Я схватила Стэнли за руку, прикинувшись, что хочу поддержать его, чтобы не оступился.

– А здесь кто-то побывал, – сказала я, стараясь, чтобы голос излучал спокойствие и беспечность, хотя сердце бешено колотилось в груди, а в ушах стучала кровь.

У подножия лестницы я украдкой бросила взгляд в гостиную и снова увидела на плитках пола темные пятна высохших лужиц там, где побросала свою одежду: она тоже исчезла. Престранное чувство пронзило меня, все тело бросило в жар и тут же в леденящий холод, я одновременно вспотела и задрожала. Кто-то побывал в доме и без моего ведома ходил по этим комнатам. Чья-то неведомая рука выжала мои промокшие чулки; чужак вывернул наизнанку фланелевые панталоны, совсем недавно прилегавшие к моей голой коже! Эти жалкие пожитки, напоминание о самой жуткой ночи в моей жизни, – вот все, что у меня осталось! И их трогали чужие руки, перекладывали, обыскивали, выворачивали!

Я не могла вздохнуть и была уже на грани обморока, когда открылась задняя дверь и вошла женщина средних лет с ведром в руках. На ее круглом лице застыло выражение усталого недовольства, и я сразу поняла, кто прибрал оставленные мною вещи. Выражение ее лица ничуть не изменилось, когда она увидела меня, хотя моего мальчика разглядывала с удивлением.

– Доброе утро, – поздоровалась я. И, взяв Стэнли за плечи, выдвинула его перед собой, но вопреки моему маневру она, боюсь, успела заметить, как бесформенно обвисло под сорочкой мое тело. Она не поздоровалась в ответ, а только поставила на пол ведро и уставилась на меня, как будто ждала каких-то слов.

В конце концов она проворчала:

– Так это вы развели здесь свинарник?

– Я миссис Лайль, – заговорила я уверенно, старательно удерживая на лице широкую улыбку. – А это мой сын Стэнли.

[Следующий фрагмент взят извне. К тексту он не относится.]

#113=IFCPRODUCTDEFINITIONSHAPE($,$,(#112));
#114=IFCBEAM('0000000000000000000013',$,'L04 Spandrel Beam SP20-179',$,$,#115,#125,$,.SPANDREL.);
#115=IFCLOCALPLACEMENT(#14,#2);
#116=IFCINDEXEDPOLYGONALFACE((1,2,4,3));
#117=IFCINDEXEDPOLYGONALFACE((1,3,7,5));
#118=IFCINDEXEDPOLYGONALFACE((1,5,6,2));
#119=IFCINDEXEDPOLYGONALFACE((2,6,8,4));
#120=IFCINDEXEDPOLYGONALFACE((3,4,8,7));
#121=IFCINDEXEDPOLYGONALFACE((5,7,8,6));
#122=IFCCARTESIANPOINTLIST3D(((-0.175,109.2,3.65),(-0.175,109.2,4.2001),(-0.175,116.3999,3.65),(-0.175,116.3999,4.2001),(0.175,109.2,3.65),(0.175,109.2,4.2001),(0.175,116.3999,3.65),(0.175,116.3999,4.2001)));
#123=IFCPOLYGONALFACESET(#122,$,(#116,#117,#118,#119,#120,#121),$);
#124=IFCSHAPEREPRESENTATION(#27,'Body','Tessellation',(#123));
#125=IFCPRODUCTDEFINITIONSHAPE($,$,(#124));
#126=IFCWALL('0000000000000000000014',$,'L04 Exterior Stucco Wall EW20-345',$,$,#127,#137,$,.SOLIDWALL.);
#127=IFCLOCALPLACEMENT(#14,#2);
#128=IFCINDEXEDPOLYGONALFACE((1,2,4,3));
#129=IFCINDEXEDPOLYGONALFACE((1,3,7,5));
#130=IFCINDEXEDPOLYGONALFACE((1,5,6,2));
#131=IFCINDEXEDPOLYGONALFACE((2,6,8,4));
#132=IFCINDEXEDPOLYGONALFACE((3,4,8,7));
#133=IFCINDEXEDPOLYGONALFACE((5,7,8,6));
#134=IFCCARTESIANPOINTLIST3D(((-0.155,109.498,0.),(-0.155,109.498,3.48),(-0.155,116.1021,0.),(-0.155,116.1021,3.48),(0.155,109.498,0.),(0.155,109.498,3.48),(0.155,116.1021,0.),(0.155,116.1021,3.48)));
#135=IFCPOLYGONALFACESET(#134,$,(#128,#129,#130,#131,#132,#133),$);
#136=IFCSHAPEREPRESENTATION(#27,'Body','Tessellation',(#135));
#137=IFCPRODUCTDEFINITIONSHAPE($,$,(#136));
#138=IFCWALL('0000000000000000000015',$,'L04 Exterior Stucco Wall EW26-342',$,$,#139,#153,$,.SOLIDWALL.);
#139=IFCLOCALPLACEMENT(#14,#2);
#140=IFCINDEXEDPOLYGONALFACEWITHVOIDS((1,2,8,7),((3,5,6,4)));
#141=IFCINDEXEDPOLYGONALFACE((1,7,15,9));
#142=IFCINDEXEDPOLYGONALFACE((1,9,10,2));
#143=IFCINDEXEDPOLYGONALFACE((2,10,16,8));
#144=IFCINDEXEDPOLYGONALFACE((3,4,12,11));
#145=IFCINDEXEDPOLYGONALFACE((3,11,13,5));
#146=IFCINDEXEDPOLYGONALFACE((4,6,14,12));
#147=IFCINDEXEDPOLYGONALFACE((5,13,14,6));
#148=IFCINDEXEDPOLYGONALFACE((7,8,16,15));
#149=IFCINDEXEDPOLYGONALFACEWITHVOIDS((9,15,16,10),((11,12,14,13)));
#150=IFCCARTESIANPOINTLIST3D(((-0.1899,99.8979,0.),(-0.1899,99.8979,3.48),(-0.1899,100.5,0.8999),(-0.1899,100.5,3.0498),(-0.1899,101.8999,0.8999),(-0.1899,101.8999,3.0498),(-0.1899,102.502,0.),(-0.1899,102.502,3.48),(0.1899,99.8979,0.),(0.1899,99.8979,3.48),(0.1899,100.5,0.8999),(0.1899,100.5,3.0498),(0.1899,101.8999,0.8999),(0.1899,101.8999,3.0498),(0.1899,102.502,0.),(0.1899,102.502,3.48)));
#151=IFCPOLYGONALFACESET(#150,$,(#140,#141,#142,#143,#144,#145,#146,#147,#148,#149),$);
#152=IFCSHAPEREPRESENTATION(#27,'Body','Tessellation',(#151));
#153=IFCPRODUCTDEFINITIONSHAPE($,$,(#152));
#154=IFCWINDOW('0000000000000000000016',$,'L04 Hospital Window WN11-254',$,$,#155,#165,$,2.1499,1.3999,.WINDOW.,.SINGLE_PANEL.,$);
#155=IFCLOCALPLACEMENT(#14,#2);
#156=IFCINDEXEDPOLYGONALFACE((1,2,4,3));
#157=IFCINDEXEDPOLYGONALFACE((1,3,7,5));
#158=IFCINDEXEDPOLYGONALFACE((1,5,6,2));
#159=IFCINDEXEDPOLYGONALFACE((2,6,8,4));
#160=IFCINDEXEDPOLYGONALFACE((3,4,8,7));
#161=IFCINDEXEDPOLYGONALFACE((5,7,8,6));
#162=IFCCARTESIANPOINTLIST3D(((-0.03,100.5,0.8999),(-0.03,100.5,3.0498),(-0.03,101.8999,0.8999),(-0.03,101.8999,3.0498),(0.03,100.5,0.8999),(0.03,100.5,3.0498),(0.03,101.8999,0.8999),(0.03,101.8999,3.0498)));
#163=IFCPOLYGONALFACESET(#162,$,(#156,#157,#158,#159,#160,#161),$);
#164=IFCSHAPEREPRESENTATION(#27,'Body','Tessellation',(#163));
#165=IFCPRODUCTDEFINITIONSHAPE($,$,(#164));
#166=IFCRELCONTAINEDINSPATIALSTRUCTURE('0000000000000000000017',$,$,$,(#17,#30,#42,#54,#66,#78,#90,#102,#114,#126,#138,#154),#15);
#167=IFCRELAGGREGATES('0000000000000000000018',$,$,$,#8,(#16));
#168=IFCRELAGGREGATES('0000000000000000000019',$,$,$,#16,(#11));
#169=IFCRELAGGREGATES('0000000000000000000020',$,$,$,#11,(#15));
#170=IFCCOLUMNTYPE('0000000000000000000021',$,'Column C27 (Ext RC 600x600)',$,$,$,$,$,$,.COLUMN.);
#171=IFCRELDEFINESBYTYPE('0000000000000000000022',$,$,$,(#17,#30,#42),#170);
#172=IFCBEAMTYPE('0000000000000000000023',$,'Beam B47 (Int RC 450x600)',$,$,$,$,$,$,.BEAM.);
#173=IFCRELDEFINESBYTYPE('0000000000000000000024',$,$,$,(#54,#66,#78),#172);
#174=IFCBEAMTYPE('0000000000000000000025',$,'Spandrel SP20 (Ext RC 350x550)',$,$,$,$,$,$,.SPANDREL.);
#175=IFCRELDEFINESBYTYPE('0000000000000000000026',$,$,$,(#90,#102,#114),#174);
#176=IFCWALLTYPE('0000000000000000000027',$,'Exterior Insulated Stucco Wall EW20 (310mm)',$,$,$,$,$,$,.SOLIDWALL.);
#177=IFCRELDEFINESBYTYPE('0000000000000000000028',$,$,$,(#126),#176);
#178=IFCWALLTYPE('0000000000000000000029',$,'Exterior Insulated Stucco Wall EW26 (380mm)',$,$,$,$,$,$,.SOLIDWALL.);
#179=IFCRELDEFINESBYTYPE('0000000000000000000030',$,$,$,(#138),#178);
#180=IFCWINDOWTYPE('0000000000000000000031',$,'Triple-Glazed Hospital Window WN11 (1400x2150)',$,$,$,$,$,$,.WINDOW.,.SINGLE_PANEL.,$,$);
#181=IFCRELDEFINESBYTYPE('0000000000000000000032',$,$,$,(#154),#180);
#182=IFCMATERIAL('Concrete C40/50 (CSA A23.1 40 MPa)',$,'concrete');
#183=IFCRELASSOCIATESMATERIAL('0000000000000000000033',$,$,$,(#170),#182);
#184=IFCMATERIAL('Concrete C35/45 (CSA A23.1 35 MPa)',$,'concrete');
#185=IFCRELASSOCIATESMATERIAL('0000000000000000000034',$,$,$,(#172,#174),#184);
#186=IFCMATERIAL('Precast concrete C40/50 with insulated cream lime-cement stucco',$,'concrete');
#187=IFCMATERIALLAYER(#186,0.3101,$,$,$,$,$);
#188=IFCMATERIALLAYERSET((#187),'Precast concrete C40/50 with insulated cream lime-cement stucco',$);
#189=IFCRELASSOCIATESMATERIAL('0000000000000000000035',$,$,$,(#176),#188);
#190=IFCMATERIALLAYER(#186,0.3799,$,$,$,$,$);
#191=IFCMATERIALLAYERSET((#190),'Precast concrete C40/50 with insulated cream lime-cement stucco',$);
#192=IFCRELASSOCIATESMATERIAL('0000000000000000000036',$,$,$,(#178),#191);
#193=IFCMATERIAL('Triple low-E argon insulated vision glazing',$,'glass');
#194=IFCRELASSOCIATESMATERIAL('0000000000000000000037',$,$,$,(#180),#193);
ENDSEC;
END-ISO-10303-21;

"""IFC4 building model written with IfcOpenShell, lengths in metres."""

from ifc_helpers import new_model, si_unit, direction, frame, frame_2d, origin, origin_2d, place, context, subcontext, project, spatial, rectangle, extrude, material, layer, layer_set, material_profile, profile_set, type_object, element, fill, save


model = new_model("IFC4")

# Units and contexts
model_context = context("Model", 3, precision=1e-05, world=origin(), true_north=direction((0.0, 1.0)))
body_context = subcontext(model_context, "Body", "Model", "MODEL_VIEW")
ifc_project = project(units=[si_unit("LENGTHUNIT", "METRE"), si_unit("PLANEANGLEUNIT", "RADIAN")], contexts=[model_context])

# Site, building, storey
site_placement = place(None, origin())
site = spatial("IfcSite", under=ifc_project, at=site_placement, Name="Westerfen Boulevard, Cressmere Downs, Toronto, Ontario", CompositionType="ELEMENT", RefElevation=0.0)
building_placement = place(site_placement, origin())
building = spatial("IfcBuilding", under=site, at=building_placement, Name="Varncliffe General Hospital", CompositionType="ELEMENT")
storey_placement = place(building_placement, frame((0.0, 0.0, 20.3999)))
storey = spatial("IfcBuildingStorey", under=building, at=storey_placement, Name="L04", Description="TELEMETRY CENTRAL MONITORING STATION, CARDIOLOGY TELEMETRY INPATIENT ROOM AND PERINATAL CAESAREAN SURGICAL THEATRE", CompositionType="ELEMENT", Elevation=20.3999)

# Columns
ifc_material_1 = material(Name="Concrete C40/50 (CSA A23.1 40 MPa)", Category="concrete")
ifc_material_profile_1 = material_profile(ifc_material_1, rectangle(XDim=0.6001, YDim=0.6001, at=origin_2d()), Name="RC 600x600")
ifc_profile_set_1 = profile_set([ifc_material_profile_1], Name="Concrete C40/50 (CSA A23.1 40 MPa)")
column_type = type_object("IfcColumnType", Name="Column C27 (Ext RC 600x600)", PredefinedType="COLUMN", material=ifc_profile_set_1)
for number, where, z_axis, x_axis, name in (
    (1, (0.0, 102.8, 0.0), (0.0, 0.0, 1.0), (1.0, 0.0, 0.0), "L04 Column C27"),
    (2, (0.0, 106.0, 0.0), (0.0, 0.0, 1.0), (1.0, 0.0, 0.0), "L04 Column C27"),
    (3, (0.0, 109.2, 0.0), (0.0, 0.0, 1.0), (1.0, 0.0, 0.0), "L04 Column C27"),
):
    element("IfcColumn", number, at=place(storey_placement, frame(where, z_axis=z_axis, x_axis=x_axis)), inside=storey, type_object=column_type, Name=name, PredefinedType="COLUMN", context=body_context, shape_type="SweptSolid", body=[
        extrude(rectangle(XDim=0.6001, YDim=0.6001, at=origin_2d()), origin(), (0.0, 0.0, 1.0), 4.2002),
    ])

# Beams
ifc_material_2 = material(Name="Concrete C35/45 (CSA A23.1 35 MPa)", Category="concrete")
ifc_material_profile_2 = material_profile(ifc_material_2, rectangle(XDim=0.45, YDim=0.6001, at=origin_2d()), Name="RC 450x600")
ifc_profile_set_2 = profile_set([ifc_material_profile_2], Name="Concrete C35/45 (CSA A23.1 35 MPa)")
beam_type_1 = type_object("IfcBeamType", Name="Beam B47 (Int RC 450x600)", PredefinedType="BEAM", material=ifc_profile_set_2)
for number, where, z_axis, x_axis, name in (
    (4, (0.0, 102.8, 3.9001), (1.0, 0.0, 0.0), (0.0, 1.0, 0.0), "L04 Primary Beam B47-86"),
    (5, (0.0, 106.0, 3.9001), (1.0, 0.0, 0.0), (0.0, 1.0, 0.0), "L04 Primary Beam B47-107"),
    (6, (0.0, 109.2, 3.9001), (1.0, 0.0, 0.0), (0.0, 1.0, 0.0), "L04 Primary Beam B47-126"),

Она метнула в моего мальчика острый, понимающий взгляд и слегка кивнула.

– Вы были наверху? – спросила я.

– А то как же, и уж насмотрелась, чего вы там натворили.

Я крепче сжала плечи сына.

– Такого больше не повторится, – сказала я.

Лайль рассказывал мне, что, когда в возрасте Стэнли нечаянно мочился в постель, его наказывали поркой и издевательствами. И я еще тогда подумала, что есть другие способы держать ребенка в повиновении, нежели прилюдно срамить его, – при условии что к нему вообще следует проявлять подобную жесткость.

– Ну и ладушки, – сказала она. – Я миссис Фаррер, приборкой тут занимаюсь. Надолго вас не обеспокою.



– Как же это? – промямлила я. – Здесь что, не будет экономки, горничной и гувернантки?

Миссис Фаррер, казалось, сейчас рассмеется мне в лицо.

– И на всех них одна эта комнатушка?

Я так опешила, что лишилась дара речи. Никогда в жизни я не опускалась до обязанностей домработницы! То было занятие для жен мелких клерков, женщин низкого достатка, довольствующихся взятой напрокат меблировкой, но не лишенных кое-каких претензий. О чем только думал мой отец? Прежде чем я опомнилась, слезы подступили к моим глазам, и так обильно, что застили мне зрение. Еще чуть-чуть – и я зарыдала бы в три ручья, а пока силилась взять себя в руки, предательская краснота уже проступала на моей шее, и я не могла скрыть ее, как и унять дергающуюся жилку на щеке.

– Мистер Стэнли передал вам сухую одежду, – помолчав, сказала миссис Фаррер уже мягче. – Здесь еще молоко с хлебом для мальчика, а чаю пейте сколько душе угодно. Это он так сказал.

Я молча кивнула, и слезы потоками хлынули из моих глаз. Одна капнула мне на руку возле самого уха Стэнли, но он даже не заметил.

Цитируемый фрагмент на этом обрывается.